1752822 Members
4137 Online
108789 Solutions
New Discussion

Pinpoint I/O Spike

 
Steven Clementi
Honored Contributor

Pinpoint I/O Spike

Aside from looking at the stats per vLun (srstatvlun), is there another way to determine which volume is experiencing a greater communication hit which could be causing a spike in latency?

Scenario: Customer has two 3PAR 8440's in Peer Persistence configuration.  Sites are campus so the arrays are well within a several thousand feet from each other. SAN Switches on both sides using RCFC links.

At a specific time during the day, the arrays experience an uptick in I/O and Latency to the extent that the host ports (total) hit 1500 Queue Length, sometimes higher... but then quickly subsides (usually). When this happens, some of the remote copy groups cannot keep up and lose sync, applications go offline, issues experienced across the good portion of the environment.

-End Scenario

I've been trying to pinpoint a specific volume or host port that could lead to the discovery of the rogue server or virtual machine that is causing the issues, but am alo wondering if anything could be happening on the array itself since the issue is clockwork, every day at/around the same time.

Any thoughts or suggestions?

Steven Clementi
HP Master ASE, Storage, Servers, and Clustering
MCSE (NT 4.0, W2K, W2K3)
VCP (ESX2, Vi3, vSphere4, vSphere5, vSphere 6.x)
RHCE
NPP3 (Nutanix Platform Professional)
1 REPLY 1
rmay_bk
Valued Contributor

Re: Pinpoint I/O Spike

At the 3PAR CLI, "showtask -all" will indicate any tasks that might have run at the time of your activity spike.

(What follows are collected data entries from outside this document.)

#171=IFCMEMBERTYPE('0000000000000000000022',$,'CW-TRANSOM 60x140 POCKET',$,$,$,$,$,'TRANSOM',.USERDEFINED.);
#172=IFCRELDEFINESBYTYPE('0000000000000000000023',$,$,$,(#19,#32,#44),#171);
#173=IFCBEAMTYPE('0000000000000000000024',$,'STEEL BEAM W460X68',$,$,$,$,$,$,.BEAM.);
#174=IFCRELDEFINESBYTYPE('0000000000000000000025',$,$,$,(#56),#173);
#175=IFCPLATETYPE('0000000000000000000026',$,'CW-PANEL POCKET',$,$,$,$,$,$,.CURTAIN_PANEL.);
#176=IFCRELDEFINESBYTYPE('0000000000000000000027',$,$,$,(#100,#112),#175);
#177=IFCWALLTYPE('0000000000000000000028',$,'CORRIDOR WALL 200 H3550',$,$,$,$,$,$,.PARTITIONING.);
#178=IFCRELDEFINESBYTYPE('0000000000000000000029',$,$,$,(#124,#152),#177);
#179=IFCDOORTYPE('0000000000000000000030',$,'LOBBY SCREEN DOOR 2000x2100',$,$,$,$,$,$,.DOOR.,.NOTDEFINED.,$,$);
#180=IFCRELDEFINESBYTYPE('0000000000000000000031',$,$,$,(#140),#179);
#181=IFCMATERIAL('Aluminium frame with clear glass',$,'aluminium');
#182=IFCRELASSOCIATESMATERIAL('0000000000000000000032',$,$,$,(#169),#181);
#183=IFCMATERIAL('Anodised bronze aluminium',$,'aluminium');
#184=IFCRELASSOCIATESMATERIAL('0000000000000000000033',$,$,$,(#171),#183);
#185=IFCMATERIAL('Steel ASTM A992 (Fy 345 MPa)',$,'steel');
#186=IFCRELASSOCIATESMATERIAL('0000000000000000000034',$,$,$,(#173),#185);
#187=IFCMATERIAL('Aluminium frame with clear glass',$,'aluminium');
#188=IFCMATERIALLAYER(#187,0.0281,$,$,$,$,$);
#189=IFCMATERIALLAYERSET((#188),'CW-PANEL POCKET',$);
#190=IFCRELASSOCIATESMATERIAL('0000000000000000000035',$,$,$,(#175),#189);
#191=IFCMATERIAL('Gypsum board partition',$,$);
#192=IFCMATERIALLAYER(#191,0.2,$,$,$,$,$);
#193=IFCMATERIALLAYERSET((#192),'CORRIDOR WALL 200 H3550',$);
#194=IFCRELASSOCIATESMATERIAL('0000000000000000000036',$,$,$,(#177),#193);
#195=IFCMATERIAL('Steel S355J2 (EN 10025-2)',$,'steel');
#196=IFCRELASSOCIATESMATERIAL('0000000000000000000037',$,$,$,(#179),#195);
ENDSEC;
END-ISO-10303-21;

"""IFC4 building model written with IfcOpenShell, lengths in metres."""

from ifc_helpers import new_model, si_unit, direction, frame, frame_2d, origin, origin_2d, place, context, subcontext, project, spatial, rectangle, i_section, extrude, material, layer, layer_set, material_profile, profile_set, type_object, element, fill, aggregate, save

Within the SSMC console, under Reports, there's a built-in template called "Exported Volumes - Compare by Performance" that can be configured to show, for example, a top 10 listing of volume IOPs and/or bandwidth.

Also, if the workload in question is VMware, vCenter's performance charting can provide many clues as well.

If your environment is like mine then you've got IT folks who aren't thinking about the consequences of starting many workload jobs or tasks all at the same time.  We even have a mass overnight reboot of RHEL VMs that creates a 3-4 minute IOPs storm.  There are band-aids such as volume IOPs limits, SIOC (in the case of VMware), and Priority Optimization on the array (if licensed).  You could schedule an Adaptive Optimization job that focuses on the time window encompassing your "storage storm."  But proper resolution is going to require education.